PANGKALAN KERINCI –Dinas Lingkungan Hidup (DLH) Kabupaten Pelalawan memiliki 283 orang petugas kebersihan dan penyapu jalan yang berada di Pangkalan Kerinci, Sorek dan Ukui.

“Mereka terdiri dari tenaga penyapu jalan, petugas drainase, sopir, juru pungut, di workshop dan petugas TPA Kemang. Jumlahnya sekitar 283 orang,” sebut Kepala DLH Kabupaten Pelalawan, Eko Novita, Jumat (28/8/2021).

Lebih lanjut Eko mengakui, tak seluruh wilayah di Pangkalan Kerinci terjangkau oleh petugas kebersihan. Dibutuhkan lagi armada pengangkut sampah untuk dapat menjangkau wilayah yang belum terjangkau oleh petugas kebersihan.

“Untuk sarana dan prasarana kalau dibilang cukup ya cukup, namun masih perlu adanya penambahan,” tuturnya.

Dijelaskan dia, masih ada beberpa jalur lagi di Pangkalan Kerinci yang belum dilalui oleh petugas kebersihan.
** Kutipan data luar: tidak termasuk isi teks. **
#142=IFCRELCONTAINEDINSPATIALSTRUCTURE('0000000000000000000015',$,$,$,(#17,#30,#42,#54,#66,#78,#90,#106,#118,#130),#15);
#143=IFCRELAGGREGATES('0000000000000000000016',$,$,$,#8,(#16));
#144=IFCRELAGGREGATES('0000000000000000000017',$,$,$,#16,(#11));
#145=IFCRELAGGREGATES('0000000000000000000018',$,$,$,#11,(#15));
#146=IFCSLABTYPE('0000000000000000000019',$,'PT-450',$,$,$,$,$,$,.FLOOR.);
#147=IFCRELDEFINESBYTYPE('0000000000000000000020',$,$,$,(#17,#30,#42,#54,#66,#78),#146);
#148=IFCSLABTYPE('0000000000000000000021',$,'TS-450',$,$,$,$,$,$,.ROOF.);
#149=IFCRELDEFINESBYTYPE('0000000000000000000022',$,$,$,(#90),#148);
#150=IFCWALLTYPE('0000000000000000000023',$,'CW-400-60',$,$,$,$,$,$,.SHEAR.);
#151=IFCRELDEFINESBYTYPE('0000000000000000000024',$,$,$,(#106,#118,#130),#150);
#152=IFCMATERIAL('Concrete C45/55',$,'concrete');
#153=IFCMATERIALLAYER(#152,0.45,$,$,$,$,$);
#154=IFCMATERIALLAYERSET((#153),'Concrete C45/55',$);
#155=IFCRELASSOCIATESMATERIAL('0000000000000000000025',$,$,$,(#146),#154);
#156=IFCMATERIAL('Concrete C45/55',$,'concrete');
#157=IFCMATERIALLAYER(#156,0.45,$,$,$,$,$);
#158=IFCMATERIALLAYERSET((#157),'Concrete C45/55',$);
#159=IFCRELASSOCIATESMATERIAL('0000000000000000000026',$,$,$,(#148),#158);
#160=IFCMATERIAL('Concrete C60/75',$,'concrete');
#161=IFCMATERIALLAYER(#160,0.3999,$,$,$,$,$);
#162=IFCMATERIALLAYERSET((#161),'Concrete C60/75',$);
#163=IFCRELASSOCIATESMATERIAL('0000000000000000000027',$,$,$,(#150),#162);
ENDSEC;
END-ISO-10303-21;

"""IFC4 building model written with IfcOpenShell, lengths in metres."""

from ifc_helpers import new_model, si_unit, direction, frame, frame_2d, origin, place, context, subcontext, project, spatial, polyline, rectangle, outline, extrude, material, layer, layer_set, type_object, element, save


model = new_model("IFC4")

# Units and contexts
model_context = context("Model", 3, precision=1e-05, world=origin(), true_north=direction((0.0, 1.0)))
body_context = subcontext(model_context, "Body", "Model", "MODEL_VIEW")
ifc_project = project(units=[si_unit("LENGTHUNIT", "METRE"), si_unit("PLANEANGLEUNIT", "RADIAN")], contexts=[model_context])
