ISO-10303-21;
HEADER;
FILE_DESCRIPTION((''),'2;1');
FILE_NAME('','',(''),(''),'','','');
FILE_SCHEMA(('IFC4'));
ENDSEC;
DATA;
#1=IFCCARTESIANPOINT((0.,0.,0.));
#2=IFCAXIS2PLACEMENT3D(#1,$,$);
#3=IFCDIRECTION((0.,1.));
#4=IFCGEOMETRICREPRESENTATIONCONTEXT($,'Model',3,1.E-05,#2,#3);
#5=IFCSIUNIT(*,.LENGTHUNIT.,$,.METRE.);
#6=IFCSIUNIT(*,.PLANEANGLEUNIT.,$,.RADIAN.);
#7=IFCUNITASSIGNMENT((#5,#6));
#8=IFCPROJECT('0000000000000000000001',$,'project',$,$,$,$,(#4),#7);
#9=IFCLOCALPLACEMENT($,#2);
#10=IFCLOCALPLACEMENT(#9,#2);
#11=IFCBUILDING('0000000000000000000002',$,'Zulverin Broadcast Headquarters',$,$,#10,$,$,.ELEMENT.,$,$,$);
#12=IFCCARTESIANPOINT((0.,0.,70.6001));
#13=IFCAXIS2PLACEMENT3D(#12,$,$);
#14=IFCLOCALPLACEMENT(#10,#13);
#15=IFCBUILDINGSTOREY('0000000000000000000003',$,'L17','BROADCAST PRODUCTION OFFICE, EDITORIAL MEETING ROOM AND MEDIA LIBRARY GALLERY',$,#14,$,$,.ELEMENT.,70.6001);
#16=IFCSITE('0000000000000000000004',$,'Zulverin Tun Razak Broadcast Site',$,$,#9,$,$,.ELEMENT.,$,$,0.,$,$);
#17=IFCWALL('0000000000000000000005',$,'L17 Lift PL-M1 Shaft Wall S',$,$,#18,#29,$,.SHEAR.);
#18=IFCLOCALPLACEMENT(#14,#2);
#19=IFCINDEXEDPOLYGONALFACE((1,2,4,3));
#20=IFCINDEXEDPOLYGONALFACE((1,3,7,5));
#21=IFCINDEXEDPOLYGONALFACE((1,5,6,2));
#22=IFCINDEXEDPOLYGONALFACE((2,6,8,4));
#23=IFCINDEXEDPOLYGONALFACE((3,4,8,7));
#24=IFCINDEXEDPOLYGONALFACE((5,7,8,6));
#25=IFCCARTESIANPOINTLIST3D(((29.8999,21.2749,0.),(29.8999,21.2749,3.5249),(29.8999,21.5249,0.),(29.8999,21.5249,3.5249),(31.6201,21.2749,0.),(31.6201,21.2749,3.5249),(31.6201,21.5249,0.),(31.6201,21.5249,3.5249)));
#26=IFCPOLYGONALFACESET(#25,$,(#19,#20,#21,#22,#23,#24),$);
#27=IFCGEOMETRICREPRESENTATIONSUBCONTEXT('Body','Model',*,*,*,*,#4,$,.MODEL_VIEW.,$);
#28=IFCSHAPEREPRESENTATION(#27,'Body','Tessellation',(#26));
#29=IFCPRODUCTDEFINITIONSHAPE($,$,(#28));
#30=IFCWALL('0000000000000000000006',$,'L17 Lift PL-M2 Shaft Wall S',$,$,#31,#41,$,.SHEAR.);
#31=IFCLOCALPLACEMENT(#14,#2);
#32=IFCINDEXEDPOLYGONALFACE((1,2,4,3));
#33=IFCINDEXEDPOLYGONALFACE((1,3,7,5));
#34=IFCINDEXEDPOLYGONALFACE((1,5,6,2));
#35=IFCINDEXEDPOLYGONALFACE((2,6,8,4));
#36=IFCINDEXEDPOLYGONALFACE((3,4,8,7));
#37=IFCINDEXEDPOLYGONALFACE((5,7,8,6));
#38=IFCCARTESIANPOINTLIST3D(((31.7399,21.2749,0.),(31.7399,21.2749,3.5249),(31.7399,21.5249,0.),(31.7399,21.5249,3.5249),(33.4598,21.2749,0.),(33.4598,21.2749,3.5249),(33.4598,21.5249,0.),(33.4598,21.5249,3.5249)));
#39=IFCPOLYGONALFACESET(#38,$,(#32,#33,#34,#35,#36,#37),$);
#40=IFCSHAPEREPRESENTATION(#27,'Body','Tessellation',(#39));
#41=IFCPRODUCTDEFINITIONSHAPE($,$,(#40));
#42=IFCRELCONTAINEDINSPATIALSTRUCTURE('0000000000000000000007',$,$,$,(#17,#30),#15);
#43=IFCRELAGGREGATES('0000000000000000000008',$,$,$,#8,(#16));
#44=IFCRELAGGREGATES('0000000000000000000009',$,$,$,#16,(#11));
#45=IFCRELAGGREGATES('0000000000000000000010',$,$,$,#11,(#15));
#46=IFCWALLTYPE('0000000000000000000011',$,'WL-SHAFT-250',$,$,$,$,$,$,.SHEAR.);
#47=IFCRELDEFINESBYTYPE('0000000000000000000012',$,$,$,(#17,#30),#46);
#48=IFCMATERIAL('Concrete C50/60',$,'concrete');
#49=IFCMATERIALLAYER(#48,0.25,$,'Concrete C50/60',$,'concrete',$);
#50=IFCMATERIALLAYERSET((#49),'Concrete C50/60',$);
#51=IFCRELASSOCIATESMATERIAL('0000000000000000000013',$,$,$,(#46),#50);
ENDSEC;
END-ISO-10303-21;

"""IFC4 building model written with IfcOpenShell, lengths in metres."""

from ifc_helpers import new_model, si_unit, direction, frame, frame_2d, origin, place, context, subcontext, project, spatial, rectangle, extrude, material, layer, layer_set, type_object, element, save


model = new_model("IFC4")

# Units and contexts
model_context = context("Model", 3, precision=1e-05, world=origin(), true_north=direction((0.0, 1.0)))
body_context = subcontext(model_context, "Body", "Model", "MODEL_VIEW")
ifc_project = project(units=[si_unit("LENGTHUNIT", "METRE"), si_unit("PLANEANGLEUNIT", "RADIAN")], contexts=[model_context])

# Site, building, storey
site_placement = place(None, origin())
site = spatial("IfcSite", under=ifc_project, at=site_placement, Name="Zulverin Tun Razak Broadcast Site", CompositionType="ELEMENT", RefElevation=0.0)
building_placement = place(site_placement, origin())
building = spatial("IfcBuilding", under=site, at=building_placement, Name="Zulverin Broadcast Headquarters", CompositionType="ELEMENT")
storey_placement = place(building_placement, frame((0.0, 0.0, 70.6001)))
storey = spatial("IfcBuildingStorey", under=building, at=storey_placement, Name="L17", Description="BROADCAST PRODUCTION OFFICE, EDITORIAL MEETING ROOM AND MEDIA LIBRARY GALLERY", CompositionType="ELEMENT", Elevation=70.6001)

# Walls
ifc_material_1 = material(Name="Concrete C50/60", Category="concrete")
ifc_layer_1 = layer(ifc_material_1, 0.25, Name="Concrete C50/60", Category="concrete")
ifc_layer_set_1 = layer_set([ifc_layer_1], Name="Concrete C50/60")
wall_type_1 = type_object("IfcWallType", Name="WL-SHAFT-250", PredefinedType="SHEAR", material=ifc_layer_set_1)
wall_1_placement = place(storey_placement, frame((29.8999, 21.3999, 0.0), z_axis=(0.0, 0.0, 1.0), x_axis=(1.0, 0.0, 0.0)))
element("IfcWall", 1, at=wall_1_placement, inside=storey, type_object=wall_type_1, Name="L17 Lift PL-M1 Shaft Wall S", PredefinedType="SHEAR", context=body_context, shape_type="SweptSolid", body=[
    extrude(rectangle(XDim=1.7202, YDim=0.25, at=frame_2d((0.8601, 0.0))), origin(), (0.0, 0.0, 1.0), 3.5249),
])
wall_2_placement = place(storey_placement, frame((31.74, 21.3999, 0.0), z_axis=(0.0, 0.0, 1.0), x_axis=(1.0, 0.0, 0.0)))
element("IfcWall", 2, at=wall_2_placement, inside=storey, type_object=wall_type_1, Name="L17 Lift PL-M2 Shaft Wall S", PredefinedType="SHEAR", context=body_context, shape_type="SweptSolid", body=[
    extrude(rectangle(XDim=1.72, YDim=0.25, at=frame_2d((0.8599, 0.0))), origin(), (0.0, 0.0, 1.0), 3.5249),
])

save(model, "model.ifc")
Sehingga sampah tak terpungut.

“Kalau memang sarana dan prasarananya cukup, tentu ini akan bisa dimaksimalkan pemungutan sampah di Pangkalan Kerinci, sehingga seluruh wilayah sampah bisa terpungut,” ujar Eko.

Disebutkannya, saat ini DLH Kabupaten Pelalawan memiliki armada pengangkut sampah, berupa 20 unit dump truk, 4 unit arm roll dan 80 bin container yang tersebar di Pangkalan Kerinci, Sorek dan Ukui.

“Aramada ini kita sebarkan di Pangkalan Kerinci, Sorek dan Ukui, namun terbanyak di Pangkalan Kerinci,” jelasnya.

Dikatakan Eko, unit kendaraan pengangkut sampah tersebut ada yang baru dan ada juga umurnya sudah lama, namun rutin dilakukan perawatan. Namun tidak seluruh armada pengangkut sampah beroperasi, lantaran ada yang rusak atau sedang dalam perbaikan.

“Untuk di Pangkalan Kerinci idealnya ditambah 5 unit dump truk lagi. Tentu dengan tambahnya armada, bertambah juga petugas kebersihannya,” tandas Eko, kepada GoRiau.com.